How Does Semisynchronous MySQL Replication Work?


With the recent release of Percona XtraDB Cluster, I am increasingly being asked about MySQL’s semi-synchronous replication. I find that there are often a number of misconceptions about how semi-synchronous replication really works. I think it is very important to understand what guarantees you actually get with semi-synchronous replication, and what you don’t get.

The first thing to understand is that despite the name, semi-synchronous replication is still asynchronous. Semi-synchronous is actually a pretty bad name, because there is no strong coupling between a commit on the master and a commit on the replicas. To understand why, let’s look at what truly synchronous replication means. In truly synchronous replication, when you commit a transaction, the commit does not complete until all replicas have also committed successfully. In MySQL’s semi-synchronous replication, the commit completes before the transaction is even sent to any of the replicas. Therefore, by definition the transaction cannot have committed on any of the replicas. If there’s any problem after the commit happens on the master, it’s possible that the replicas won’t get the transaction, and even after they do, there’s no guarantee they can apply and commit it successfully themselves (duplicate key error, anyone?). If any of these problems happens, it’s too late–the commit is already permanent on the master, and can’t be rolled back.

What should semi-synchronous replication be called instead? I believe that it should be called delayed-acknowledgment commits, because this is what actually happens. When a transaction commits on the master, the commit proceeds as normal, and the transaction is sent to the replicas as normal, but the client connection to the master is not told that the commit has completed until after at least one replica has acknowledged receiving the transaction.

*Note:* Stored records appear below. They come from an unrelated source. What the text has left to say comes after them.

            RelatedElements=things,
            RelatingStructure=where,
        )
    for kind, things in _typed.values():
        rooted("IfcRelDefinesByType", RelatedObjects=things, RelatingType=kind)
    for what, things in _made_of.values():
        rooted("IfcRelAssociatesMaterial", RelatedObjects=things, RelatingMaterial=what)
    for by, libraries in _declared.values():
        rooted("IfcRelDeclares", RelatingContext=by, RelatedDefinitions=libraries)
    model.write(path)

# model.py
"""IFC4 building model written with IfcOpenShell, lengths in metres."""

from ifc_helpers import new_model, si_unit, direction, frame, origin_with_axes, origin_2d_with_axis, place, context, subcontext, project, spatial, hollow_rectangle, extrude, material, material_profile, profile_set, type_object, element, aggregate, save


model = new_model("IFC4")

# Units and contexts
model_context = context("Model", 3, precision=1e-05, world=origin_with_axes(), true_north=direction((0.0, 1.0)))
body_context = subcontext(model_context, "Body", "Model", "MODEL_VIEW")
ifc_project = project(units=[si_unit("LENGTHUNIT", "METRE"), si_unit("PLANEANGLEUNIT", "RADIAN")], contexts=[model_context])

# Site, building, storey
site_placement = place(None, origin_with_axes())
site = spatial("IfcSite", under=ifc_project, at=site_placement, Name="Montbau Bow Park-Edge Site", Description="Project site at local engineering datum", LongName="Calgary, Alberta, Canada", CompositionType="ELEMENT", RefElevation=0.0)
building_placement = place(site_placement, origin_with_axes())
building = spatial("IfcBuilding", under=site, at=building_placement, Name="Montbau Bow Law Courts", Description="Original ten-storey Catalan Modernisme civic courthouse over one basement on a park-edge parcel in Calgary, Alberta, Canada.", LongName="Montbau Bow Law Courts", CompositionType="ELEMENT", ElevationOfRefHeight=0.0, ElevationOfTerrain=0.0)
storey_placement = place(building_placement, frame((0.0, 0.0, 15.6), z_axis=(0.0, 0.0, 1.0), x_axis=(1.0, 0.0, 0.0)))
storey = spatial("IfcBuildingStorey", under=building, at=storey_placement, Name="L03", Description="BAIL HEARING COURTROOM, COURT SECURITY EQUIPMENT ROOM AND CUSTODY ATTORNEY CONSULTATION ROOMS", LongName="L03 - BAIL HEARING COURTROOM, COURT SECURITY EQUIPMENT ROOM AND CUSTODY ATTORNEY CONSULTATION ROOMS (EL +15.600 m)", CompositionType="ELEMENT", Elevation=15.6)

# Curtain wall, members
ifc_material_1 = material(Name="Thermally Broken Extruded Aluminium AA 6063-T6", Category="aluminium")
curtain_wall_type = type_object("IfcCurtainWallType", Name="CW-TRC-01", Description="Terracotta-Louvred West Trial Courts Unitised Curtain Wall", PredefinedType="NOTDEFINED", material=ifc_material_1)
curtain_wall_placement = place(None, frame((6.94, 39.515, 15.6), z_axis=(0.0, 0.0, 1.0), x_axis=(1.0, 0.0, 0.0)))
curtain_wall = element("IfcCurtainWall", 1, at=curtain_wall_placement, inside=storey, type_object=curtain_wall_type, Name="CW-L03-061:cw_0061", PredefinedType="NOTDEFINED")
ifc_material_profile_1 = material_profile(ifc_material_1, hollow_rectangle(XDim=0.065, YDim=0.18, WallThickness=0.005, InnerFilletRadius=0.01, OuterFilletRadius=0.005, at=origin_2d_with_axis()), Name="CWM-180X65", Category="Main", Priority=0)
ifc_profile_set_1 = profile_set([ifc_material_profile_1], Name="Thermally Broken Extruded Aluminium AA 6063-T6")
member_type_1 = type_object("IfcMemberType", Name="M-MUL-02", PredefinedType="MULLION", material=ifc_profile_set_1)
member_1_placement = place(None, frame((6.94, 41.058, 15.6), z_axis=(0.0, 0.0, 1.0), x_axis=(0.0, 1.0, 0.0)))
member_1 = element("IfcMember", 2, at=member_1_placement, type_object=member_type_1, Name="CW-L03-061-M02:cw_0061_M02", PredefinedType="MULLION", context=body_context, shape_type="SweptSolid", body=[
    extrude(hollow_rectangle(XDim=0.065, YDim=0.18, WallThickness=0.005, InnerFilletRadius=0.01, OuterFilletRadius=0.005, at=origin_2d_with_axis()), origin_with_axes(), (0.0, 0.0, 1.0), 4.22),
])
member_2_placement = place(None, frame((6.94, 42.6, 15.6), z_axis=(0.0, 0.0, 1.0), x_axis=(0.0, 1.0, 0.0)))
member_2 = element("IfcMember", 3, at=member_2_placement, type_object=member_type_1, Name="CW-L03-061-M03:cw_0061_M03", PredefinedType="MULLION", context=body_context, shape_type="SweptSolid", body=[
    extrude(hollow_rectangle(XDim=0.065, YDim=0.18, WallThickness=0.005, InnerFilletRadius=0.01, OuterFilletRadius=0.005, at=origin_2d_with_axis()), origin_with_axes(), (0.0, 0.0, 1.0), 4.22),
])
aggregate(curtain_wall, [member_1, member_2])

Another way to look at the same thing is that semi-synchronous replication actually forces the client to be synchronized, not the replicas. The client is forced to wait until the transaction has been sent to one of the replicas, but the commit on the master is not forced to wait at all, nor are replicas forced to do anything. The commit has already happened on the master, so the cat’s out of the bag and there’s no way to force replicas to do anything. As a result, the effect is that the client’s activity is throttled so that it cannot outpace the replica’s ability to fetch updates from the master. Have you seen the bumper sticker that says “don’t drive faster than your Guardian Angel can fly?” That is the effect of this throttling.

Semi-synchronous replication also does not guarantee that your replicas will not become delayed. The client connection is forced to wait until at least one of the replicas has retrieved the transaction, but not until the transaction has actually been applied to the replica. As you probably know, it is perfectly possible to send a very long transaction to the replica in a matter of milliseconds. The replica will take a long time to apply this transaction to its own data, and during that time, it will be delayed relative to the master. However, other transactions can continue committing and sending their changes to the replica, because the process of retrieving changes from the master and applying them run in separate threads on the replica.

Finally, semi-synchronous replication does not provide strong guarantees against data loss. What do I mean by a strong guarantee against data loss? I consider the safety of my data strongly guaranteed when at least one other server must have a copy of the data before it can be committed on the master. However, that is not what happens in semi-synchronous replication. And if there is an error in semi-synchronous replication, such as a crash at the wrong moment, or a timeout, then even the throttling is abandoned, and everything defaults back to the traditional mode of replication.

What does semi-synchronous replication guarantee me then? If there are no errors or timeouts, then the guarantee is essentially that only one transaction per client is likely to be lost if the master crashes.

I do not mean to sound negative, or to send the message that semi-synchronous replication is not useful. It is useful, but if you misunderstand it, you could be relying on a strong guarantee that is not actually provided.

If you want to learn more about this, then I encourage you to read the relevant section of the MySQL manual. But read carefully, for example, the following sentences:

When a commit returns successfully, it is known that the data exists in at least two places (on the master and at least one slave). If the master commits but a crash occurs while the master is waiting for acknowledgment from a slave, it is possible that the transaction may not have reached any slave.

Finally, I would be interested to hear how many people are actually running semi-synchronous replication in production. I have a feeling that very few people are, even though a lot of people seem to have heard about it. What are your experiences?